# Goats Milk Lotion Bar



## GoldenSeal (May 21, 2009)

Has anyone made the lotion bars with goats milk? I want to try it out and I haven't been able to find a recipe to use!


----------



## HendricksHearth (Jul 18, 2009)

Hi there,

I don't think you can find a recipe for goat's milk lotion bars because they are typically oil-based to be extra skin-nourishing. To incorporate the goat's milk, you would need an emulsifier of some sort to blend the liquids with the oils and then you would also need to add a preservative because the finished product would no longer be anhydrous (contains no water).

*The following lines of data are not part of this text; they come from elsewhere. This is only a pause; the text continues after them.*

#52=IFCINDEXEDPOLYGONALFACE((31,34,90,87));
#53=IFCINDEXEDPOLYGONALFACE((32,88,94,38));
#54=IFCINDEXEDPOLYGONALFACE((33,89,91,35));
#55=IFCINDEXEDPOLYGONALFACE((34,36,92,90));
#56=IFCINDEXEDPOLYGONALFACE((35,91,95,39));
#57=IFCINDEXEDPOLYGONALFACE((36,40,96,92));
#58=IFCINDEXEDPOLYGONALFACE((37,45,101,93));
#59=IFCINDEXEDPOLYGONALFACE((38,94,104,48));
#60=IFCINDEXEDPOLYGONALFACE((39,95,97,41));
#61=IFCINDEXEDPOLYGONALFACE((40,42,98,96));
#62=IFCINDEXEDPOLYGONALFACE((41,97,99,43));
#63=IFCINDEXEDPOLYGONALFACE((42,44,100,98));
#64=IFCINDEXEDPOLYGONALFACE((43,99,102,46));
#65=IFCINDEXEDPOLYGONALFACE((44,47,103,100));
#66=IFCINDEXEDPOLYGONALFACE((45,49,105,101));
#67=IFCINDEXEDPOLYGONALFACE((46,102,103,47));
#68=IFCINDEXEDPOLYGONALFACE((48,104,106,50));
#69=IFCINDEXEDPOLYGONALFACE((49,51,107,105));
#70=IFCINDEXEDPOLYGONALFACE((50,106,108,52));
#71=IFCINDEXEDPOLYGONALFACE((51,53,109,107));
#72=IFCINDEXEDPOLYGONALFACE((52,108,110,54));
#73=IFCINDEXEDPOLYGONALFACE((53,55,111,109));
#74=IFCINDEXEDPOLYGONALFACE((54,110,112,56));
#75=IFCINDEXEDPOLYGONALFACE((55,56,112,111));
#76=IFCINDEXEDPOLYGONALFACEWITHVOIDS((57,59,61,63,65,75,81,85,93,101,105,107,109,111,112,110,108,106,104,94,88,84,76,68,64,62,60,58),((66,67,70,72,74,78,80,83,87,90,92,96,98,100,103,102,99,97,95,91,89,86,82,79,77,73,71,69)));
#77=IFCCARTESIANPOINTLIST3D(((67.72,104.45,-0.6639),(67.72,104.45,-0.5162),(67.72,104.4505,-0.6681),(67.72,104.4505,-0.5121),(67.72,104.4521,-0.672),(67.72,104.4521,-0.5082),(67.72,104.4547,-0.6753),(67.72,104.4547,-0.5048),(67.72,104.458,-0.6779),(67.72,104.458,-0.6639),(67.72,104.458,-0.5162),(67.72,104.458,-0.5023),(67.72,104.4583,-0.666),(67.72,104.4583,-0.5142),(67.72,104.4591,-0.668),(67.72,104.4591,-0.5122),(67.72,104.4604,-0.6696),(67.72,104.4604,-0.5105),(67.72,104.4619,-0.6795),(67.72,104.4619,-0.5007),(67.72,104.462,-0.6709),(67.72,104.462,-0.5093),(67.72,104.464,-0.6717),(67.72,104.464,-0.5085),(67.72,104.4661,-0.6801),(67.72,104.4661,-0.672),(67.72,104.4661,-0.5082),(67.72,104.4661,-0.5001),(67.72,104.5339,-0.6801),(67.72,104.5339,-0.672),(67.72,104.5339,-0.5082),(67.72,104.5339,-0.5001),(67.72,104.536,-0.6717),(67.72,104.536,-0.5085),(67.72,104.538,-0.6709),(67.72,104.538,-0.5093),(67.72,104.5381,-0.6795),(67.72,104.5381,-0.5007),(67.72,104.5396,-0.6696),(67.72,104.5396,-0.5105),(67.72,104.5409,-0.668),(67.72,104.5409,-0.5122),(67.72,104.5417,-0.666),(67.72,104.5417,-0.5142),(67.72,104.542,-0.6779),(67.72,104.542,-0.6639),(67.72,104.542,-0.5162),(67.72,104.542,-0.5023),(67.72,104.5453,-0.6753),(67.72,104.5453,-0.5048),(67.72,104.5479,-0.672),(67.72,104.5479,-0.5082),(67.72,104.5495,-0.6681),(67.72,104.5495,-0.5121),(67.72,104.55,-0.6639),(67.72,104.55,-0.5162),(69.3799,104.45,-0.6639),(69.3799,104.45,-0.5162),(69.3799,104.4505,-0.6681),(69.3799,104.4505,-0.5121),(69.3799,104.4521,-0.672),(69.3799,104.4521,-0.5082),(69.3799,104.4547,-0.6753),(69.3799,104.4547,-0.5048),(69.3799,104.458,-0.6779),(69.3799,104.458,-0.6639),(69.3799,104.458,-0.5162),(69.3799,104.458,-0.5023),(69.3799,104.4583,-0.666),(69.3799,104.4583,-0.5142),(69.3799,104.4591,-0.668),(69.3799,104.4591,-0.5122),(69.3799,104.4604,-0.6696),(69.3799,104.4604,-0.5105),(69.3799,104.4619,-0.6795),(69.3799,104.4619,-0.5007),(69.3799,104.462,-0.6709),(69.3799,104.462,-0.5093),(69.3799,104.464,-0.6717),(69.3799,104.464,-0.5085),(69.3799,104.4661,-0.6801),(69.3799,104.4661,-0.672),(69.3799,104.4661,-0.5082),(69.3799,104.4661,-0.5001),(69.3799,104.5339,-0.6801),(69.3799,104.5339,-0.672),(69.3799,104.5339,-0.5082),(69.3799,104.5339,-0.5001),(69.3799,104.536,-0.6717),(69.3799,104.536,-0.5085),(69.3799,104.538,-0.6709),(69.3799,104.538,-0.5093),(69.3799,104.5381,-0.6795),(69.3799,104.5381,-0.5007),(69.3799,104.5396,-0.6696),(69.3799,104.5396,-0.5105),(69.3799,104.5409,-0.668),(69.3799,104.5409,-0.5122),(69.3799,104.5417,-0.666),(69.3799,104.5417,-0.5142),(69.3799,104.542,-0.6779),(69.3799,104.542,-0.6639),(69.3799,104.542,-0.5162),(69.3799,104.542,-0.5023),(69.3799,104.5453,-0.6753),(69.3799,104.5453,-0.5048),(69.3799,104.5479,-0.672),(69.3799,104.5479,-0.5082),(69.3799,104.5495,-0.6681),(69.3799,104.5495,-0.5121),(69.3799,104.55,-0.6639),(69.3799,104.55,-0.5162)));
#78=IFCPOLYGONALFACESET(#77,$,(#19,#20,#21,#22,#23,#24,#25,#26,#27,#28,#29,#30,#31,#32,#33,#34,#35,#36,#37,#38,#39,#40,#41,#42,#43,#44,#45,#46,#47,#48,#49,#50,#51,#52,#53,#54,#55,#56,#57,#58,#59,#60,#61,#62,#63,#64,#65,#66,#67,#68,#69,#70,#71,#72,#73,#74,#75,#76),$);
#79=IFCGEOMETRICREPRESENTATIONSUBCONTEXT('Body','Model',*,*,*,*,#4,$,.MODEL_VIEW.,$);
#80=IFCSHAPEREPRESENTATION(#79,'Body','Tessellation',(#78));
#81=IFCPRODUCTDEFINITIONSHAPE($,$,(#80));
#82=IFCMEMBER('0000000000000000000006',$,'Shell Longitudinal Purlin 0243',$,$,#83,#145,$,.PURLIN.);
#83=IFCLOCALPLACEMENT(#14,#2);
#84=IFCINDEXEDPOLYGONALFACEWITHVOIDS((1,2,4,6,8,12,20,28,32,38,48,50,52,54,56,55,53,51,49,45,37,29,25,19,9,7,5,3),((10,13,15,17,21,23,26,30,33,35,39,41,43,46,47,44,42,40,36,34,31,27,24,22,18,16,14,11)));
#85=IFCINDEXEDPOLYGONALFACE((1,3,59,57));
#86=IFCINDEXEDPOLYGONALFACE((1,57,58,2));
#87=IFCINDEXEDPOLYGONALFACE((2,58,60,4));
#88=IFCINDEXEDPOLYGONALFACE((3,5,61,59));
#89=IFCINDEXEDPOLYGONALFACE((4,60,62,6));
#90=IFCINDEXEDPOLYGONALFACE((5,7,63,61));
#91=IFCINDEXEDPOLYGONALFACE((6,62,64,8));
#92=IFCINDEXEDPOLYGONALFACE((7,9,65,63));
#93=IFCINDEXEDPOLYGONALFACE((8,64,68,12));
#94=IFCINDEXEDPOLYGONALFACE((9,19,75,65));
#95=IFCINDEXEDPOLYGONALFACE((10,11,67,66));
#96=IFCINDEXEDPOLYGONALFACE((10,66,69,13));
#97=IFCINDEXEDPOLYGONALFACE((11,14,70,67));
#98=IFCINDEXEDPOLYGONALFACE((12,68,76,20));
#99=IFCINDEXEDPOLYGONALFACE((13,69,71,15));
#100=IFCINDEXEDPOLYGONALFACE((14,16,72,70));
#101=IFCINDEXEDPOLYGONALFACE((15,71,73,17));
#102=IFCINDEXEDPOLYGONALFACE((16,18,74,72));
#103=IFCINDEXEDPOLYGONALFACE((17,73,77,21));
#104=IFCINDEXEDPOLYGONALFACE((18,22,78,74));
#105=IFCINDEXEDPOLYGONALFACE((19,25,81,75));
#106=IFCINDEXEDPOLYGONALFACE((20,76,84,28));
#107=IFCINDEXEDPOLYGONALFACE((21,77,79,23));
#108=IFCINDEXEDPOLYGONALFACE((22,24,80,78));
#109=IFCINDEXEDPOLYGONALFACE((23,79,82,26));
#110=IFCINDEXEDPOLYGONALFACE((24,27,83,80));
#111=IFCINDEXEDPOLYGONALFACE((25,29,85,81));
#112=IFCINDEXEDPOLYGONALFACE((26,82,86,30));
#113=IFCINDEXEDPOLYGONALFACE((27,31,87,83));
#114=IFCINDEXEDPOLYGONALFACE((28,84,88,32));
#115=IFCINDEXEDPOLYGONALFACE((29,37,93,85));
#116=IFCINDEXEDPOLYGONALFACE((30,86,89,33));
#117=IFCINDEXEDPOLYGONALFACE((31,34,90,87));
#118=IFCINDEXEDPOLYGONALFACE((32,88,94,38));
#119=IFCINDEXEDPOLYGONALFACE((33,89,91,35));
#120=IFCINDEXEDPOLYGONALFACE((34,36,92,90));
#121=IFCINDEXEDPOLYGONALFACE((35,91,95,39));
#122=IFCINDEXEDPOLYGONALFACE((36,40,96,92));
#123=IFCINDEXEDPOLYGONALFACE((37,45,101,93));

I have never made a lotion bar with goat's milk, but I imagine that you would only be able to use a small amount and/or increase your butters/hard oils or the bar would become too soft.

I hope this is helpful- best of luck!

Lauren


----------



## GoldenSeal (May 21, 2009)

I kind of thought that it would be difficult to do because the milk would make it too soft for a lotion bar. I already knew I'd have to put a preservative in it though. I was just seeing if anyone else had some success in making it. Thanks for your response.


----------



## NostalgicGranny (Aug 22, 2007)

Here is a recipe for goats milk lotion. 
http://theuddergoatsoap.net/Recipes.html


----------